Many lenders look for good credit and a substantial down payment when considering applicants for a mortgage, requirements that can make the task of obtaining a loan harder for many first-time homebuyers.
But not all is lost. The Federal Housing Administration, or FHA, insures loans for homebuyers with lower credit scores or little cash — and requires a smaller down payment than many conventional mortgages.
There are restrictions, so these loans may not be suitable for everyone.
Here's a look at how to qualify for an FHA loan:
FHA loans have relaxed terms
Buyers applying for FHA loans typically face more favorable terms than for a traditional loan.
- Down payments can be as low as 3.5%, smaller than the 20% down payment that many conventional lenders require to waive private mortgage insurance, or PMI.
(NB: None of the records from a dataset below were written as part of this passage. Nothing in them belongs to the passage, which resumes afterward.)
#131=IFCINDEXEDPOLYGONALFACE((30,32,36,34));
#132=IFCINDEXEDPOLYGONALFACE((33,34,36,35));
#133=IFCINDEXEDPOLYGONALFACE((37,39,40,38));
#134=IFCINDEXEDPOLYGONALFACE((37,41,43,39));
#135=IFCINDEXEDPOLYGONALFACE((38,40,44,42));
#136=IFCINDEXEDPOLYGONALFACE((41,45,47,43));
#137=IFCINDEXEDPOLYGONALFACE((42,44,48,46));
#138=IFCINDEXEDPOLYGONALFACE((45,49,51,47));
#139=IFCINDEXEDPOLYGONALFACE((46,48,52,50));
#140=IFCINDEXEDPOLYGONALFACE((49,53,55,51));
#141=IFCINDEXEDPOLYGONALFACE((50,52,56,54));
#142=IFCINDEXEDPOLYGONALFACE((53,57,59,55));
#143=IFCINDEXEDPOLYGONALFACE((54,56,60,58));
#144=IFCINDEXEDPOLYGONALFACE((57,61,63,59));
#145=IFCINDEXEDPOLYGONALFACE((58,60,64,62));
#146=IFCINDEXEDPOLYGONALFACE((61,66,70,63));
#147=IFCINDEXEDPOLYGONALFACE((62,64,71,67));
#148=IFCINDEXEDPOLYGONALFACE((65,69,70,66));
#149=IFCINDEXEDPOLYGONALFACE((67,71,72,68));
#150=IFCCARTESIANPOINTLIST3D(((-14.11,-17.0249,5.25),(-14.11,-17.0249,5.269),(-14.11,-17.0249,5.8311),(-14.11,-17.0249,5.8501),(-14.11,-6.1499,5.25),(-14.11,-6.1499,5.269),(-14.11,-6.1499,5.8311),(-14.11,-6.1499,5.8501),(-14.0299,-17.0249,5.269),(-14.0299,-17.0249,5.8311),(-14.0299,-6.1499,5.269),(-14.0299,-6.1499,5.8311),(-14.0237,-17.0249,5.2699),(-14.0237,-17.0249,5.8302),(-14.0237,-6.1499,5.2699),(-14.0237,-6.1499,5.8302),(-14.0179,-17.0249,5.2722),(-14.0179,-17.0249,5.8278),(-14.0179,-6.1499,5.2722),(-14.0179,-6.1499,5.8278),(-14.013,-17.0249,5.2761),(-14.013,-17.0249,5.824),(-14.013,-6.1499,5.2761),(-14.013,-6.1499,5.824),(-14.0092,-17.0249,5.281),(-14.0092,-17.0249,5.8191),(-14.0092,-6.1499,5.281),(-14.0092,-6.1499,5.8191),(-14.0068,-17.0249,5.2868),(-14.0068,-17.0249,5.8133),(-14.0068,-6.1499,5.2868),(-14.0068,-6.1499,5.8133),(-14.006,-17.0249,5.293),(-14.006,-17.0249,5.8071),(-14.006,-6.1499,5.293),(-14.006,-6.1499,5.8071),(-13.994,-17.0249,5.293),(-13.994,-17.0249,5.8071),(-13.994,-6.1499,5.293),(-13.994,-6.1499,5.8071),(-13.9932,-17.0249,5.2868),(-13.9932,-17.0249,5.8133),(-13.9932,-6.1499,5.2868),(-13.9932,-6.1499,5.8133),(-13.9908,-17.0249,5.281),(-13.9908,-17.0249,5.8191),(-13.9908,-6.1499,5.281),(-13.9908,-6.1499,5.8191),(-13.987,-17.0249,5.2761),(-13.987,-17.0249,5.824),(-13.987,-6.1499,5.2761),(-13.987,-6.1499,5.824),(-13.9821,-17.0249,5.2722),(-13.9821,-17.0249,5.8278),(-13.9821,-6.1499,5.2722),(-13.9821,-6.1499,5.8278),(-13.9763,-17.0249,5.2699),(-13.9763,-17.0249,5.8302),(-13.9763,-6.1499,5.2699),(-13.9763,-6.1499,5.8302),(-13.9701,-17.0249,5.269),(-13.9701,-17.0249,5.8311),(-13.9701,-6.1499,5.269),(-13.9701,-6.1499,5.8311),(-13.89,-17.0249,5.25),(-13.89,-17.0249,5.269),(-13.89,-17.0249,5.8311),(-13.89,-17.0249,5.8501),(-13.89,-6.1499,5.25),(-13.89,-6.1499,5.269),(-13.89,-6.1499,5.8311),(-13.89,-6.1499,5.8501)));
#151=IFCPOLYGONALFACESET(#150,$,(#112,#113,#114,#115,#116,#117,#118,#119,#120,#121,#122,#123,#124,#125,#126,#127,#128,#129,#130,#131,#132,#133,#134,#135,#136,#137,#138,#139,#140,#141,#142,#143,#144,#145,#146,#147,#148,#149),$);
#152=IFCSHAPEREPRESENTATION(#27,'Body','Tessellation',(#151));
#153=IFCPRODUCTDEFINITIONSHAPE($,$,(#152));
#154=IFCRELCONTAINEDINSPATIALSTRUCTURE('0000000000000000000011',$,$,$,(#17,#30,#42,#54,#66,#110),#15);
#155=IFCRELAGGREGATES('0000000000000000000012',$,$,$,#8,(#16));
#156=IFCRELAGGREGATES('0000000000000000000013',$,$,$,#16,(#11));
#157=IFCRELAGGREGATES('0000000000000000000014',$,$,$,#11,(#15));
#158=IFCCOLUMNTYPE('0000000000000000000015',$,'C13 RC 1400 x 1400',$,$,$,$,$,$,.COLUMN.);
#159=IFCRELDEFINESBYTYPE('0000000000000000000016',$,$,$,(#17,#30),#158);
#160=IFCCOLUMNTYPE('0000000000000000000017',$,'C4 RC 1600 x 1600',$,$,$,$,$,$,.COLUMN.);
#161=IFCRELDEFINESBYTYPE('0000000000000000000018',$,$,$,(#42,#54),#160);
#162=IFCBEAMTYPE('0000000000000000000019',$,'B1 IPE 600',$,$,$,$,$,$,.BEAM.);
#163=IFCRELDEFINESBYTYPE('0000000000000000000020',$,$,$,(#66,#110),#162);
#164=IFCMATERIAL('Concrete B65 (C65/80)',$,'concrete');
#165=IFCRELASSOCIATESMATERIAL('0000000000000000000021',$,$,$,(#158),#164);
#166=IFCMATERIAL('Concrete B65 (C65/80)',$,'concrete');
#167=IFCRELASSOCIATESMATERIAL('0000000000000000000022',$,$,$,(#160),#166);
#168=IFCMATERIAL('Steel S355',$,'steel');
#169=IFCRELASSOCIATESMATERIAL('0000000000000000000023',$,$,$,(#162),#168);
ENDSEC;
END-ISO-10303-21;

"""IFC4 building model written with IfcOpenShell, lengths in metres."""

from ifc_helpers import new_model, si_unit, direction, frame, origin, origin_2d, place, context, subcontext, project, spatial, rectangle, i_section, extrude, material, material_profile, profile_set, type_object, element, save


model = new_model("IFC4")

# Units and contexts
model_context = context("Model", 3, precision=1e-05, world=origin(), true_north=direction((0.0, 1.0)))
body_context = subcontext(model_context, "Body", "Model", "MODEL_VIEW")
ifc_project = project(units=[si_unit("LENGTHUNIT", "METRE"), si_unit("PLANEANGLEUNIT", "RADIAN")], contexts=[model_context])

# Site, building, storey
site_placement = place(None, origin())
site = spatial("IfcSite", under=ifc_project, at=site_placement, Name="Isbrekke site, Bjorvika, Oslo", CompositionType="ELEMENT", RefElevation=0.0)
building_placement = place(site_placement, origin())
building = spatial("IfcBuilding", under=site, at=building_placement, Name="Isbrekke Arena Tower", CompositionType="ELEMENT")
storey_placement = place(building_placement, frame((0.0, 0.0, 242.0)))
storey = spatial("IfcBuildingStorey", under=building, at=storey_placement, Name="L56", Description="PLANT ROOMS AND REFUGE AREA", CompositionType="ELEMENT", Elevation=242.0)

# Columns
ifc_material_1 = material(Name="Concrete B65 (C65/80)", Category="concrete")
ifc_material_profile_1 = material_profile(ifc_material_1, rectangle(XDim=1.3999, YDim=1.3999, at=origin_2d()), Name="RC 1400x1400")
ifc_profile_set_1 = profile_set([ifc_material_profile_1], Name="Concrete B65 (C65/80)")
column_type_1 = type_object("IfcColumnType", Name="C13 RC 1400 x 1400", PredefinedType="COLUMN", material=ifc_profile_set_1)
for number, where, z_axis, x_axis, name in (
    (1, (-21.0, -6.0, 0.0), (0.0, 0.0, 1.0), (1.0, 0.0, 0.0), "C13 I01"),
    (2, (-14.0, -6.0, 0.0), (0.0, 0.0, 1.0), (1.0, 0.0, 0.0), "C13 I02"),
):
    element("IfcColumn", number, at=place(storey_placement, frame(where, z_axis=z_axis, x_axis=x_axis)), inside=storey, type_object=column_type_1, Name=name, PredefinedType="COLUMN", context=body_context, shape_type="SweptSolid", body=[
- A minimum credit score of 580 is required to obtain a loan with a 3.5% down payment, although homebuyers can choose to put down more.
- The FHA insures loans for applicants with a credit score of 500 to 579, requiring a 10% down payment.
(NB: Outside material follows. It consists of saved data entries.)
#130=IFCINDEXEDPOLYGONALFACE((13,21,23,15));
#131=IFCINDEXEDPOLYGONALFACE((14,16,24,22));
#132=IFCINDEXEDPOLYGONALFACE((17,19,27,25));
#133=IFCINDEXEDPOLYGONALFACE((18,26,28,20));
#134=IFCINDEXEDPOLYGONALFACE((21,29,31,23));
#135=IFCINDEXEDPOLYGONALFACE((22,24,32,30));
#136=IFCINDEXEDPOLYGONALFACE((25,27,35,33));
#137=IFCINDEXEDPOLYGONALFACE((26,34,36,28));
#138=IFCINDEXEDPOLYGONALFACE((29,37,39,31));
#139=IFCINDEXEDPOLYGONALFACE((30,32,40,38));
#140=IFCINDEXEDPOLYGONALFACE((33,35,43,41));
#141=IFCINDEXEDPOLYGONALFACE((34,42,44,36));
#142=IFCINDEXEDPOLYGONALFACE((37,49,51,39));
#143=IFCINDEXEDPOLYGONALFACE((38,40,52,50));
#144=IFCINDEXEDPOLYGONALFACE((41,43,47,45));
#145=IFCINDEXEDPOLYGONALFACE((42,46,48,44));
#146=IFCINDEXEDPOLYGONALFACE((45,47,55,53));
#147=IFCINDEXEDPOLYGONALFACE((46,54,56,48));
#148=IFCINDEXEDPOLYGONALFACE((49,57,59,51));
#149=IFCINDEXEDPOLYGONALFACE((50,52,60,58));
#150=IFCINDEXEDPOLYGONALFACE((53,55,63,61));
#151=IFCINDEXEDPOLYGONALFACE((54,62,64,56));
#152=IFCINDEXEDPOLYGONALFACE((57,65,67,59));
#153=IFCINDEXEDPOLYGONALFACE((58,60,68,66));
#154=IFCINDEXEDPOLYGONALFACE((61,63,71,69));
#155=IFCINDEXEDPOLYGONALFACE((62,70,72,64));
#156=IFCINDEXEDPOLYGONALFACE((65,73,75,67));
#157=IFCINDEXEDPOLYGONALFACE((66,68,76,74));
- Borrowers can use gift funds for down payments.
- Closing costs can be rolled into the loan.
- Bankruptcy doesn't disqualify applicants.
What the FHA requires
The borrower must live in the home for at least a year. Their debt-to-income ratio must be below 43% (monthly debt payments divided by monthly pre-tax income).
- The loans are limited to a certain amount, varying by county.
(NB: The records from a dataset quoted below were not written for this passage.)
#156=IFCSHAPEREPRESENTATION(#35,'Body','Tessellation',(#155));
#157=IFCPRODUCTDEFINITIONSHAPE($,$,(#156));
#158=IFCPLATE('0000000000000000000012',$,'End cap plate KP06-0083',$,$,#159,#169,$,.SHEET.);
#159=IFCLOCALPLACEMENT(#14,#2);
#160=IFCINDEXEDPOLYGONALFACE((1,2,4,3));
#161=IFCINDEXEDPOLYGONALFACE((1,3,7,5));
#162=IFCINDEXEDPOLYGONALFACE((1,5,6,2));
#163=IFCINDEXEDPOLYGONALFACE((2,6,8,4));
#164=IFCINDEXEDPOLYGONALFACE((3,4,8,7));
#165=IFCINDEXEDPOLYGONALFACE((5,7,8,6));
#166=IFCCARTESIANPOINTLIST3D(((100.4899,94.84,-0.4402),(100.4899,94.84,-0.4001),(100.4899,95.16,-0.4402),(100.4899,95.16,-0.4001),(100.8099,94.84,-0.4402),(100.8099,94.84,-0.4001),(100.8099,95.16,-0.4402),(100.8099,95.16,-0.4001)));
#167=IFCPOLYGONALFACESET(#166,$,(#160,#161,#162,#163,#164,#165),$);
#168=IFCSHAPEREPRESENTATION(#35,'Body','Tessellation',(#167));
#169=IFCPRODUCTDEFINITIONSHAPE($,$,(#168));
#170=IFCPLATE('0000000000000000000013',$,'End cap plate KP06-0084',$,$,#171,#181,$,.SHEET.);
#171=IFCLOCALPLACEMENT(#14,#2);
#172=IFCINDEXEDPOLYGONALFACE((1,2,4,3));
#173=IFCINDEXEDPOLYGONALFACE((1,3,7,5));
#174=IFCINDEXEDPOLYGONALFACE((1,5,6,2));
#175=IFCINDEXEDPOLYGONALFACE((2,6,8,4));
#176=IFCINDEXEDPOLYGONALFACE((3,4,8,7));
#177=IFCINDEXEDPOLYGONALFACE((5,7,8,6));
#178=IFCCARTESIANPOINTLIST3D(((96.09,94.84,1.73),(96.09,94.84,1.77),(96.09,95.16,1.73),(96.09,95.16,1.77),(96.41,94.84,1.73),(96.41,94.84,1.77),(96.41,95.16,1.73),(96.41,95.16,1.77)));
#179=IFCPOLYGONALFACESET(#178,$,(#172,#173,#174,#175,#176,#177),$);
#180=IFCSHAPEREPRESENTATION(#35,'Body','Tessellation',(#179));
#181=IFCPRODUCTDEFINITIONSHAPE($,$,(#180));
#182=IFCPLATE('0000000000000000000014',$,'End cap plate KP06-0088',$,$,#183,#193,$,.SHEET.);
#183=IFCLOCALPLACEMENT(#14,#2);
- The home must meet minimum FHA requirements for safety — be in a safe and healthy environment, provide protection from weather and crime and be without structural defects.
- Applicants must have two years of employment history, not necessarily with the same employer. They must explain any gaps in their employment history.
Consider the drawbacks
FHA loans have more requirements, so they may not be suitable for everyone.
- Two types of mortgage insurance are required, sometimes exceeding the cost of private mortgage insurance for conventional loans. They include an upfront fee of 1.75% of the loan, followed by a monthly premium.
- The FHA's mortgage insurance is harder to drop than for conventional loans. In a conventional loan, a homeowner can discontinue mortgage insurance once they have more than 20% equity in the home. FHA mortgage insurance remains in effect for the entire mortgage term, requiring the homeowner to refinance to cancel the mortgage insurance.
- FHA has an exception that allows cancellation if homeowners put down an initial 10% and live in the home for 11 years.
- There's more paperwork to fill out.
- There may be a longer timeframe to close due to the FHA's safety and documentation requirements.
- There are special requirements for condominium purchases.